One established scholar said that Miller’s claim is “as reasonable as the Loch Ness Monster or a living mammoth in Siberia,” while Miller countered that “these people don’t want to see man here because their careers would go down the drain” (Graham 1988). Here, perhaps, we see preconceptions influencing the established scholar to reject evidence which, if given a more suitably recent date, he might have accepted.
The incised mammoth bones from the Anza-Borrego Desert came up in a conversation we had with Thomas Deméré, a paleontologist at the San Diego Natural History Museum (May 31, 1990). Deméré said he was by nature skeptical of claims such as those made by Miller. He called into question the professionalism with which the bones had been excavated, and pointed out that no stone tools had been found along with the fossils. Furthermore, Deméré suggested that it was very unlikely that anything about the find would ever be published in a scientific journal, because the referees who review articles probably would not pass it. We later learned from Julie Parks, the present curator of George Miller’s specimens, that Deméré had never inspected the fossils or visited the site of discovery, although he had been invited to do so (Parks, personal communication, June 1, 1990).

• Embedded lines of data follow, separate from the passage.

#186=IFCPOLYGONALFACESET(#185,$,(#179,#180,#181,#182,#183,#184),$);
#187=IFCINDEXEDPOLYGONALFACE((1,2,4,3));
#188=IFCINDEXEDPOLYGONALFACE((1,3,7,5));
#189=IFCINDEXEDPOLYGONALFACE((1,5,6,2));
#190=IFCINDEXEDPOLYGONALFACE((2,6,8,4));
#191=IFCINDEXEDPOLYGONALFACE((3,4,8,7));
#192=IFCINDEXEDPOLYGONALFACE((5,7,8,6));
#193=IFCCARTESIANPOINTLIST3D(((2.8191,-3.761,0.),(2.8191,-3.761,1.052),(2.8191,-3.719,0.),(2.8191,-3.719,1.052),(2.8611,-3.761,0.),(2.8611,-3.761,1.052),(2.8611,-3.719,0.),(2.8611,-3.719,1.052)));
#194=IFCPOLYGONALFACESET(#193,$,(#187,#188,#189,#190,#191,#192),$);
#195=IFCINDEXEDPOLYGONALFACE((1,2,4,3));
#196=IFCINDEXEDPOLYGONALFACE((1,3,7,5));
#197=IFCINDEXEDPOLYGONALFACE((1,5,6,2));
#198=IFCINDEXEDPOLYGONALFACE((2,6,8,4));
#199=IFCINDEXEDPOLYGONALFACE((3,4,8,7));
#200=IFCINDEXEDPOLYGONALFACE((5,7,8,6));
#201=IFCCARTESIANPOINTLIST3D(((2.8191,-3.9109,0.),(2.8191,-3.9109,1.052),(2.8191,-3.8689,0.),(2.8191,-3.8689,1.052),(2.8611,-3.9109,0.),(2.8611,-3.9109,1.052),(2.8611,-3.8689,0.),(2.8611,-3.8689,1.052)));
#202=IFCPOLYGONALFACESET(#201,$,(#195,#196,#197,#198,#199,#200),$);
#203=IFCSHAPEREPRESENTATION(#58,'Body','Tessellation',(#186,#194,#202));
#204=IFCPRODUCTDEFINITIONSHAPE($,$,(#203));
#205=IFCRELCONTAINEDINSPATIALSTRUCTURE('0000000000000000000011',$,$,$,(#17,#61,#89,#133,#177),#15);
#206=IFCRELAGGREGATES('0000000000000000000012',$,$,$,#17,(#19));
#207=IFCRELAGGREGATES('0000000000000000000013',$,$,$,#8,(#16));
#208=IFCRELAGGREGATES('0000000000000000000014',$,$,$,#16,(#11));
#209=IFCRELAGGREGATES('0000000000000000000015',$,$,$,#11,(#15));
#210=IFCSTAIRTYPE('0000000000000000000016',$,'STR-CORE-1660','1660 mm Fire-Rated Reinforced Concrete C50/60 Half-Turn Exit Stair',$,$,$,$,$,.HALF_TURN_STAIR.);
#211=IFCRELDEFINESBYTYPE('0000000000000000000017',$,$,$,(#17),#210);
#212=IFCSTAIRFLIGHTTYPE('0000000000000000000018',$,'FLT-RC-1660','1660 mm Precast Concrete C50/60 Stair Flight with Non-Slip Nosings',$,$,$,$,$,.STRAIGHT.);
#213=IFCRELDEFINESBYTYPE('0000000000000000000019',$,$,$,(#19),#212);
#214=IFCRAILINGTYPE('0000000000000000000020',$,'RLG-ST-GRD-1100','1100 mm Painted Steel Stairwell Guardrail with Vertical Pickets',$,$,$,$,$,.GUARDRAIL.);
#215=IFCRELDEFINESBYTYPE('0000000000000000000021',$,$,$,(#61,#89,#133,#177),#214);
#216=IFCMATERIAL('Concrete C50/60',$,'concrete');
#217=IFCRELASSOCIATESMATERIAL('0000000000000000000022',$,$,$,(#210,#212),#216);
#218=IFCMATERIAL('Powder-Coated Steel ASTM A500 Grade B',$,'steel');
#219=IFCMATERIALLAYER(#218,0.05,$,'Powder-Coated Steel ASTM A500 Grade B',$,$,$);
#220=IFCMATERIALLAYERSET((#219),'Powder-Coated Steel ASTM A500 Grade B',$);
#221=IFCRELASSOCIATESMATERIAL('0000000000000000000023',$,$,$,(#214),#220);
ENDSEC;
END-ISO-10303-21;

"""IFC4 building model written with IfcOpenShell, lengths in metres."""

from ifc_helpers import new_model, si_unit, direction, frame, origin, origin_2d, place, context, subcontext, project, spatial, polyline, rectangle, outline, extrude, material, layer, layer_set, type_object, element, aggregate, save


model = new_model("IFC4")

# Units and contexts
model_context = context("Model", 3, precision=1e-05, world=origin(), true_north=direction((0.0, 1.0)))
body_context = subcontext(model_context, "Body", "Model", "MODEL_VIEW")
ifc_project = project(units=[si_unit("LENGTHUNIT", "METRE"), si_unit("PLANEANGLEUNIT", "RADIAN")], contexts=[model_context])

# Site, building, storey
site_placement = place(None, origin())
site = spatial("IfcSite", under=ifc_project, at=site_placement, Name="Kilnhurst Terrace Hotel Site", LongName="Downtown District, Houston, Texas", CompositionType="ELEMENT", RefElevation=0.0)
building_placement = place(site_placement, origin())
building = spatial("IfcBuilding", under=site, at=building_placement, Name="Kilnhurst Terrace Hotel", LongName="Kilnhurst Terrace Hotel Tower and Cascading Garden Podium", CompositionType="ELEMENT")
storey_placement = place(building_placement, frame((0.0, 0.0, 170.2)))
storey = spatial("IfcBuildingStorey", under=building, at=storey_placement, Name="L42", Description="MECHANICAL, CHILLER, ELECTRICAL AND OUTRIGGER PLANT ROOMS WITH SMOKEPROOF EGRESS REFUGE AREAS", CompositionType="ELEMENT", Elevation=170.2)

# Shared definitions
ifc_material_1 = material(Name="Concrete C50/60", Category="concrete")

As of June 1990, the Anza-Borrego mammoth bones were still under study. Deposits of sandy matrix were being painstakingly removed from the incisions on the bones, so that the incisions could be examined by a scanning electron microscope. Hopefully, inspection of the minute striations on the surfaces of the cuts under high magnification will confirm whether or not they are characteristic of stone tools. Parks (personal communication, June 1, 1990) said that one incision apparently continues from one of the fossil bones to another bone that would have been located next to it when the mammoth skeleton was articulated. This is suggestive of a butchering mark. Accidental marks resulting from movement of the bones in the earth after the skeleton had broken up probably would not continue from one bone to another in this fashion.

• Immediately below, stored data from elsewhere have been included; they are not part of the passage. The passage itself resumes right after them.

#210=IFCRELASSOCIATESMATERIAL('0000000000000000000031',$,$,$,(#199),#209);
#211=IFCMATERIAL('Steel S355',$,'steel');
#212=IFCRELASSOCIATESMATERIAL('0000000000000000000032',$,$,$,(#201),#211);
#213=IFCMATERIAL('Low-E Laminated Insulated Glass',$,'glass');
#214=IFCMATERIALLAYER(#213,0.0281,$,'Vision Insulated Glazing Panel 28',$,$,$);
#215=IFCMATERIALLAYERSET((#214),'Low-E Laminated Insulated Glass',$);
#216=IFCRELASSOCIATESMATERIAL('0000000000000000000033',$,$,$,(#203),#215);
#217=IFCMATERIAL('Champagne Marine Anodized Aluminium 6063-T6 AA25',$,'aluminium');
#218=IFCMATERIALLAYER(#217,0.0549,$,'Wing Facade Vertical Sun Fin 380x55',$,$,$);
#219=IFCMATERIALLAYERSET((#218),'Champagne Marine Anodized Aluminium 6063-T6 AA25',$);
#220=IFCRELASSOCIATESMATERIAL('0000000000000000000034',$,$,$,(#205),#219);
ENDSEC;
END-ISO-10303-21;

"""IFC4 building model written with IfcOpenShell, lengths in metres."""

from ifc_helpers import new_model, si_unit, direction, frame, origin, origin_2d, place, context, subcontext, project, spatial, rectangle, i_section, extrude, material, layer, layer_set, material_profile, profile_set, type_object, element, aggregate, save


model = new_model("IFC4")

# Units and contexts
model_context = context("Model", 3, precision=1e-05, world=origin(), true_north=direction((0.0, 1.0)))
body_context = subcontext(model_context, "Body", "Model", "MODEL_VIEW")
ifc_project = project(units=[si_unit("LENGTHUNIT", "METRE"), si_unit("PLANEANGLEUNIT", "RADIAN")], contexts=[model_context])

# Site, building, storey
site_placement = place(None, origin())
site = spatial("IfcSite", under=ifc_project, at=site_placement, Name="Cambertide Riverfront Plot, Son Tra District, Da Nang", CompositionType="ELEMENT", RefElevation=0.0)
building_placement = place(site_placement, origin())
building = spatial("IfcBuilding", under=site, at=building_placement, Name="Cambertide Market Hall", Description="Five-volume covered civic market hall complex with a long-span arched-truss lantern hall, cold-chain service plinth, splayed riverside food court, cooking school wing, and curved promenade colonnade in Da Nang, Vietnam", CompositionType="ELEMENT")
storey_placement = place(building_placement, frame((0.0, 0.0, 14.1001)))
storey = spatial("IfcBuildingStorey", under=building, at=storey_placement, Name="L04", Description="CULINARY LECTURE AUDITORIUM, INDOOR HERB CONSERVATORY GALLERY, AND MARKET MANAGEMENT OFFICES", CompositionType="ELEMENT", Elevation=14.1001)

The lesson to be learned from the marked bones found at Old Crow River and in the Anza-Borrego Desert is this: the marked bones of St. Prest and others like them discovered in the nineteenth century should be kept in the active file of paleoanthropological evidence. Even today, scientists are not always able to immediately determine whether or not marks on bones were made by natural forces, animals, or humans. Much careful study and analysis is required to arrive at a conclusion, and even then not all experts will agree. Therefore the marked bones discussed in this chapter and the reports about them should be seriously examined, and be available for reexamination. If fossils do not pass the test of a certain investigator or school of investigators at a particular point in time, they should not be cast into the outer darkness, so that later researchers will not even know they exist. Rather they should be placed in a category of disputed evidence. In that way, in the event of improvements in the methods of analysis or changes in theoretical constructs of human prehistory, the evidence will be available for further study. Who knows? In the future, new pieces to the puzzle of human origins may give new meaning to old pieces that previously did not quite fit.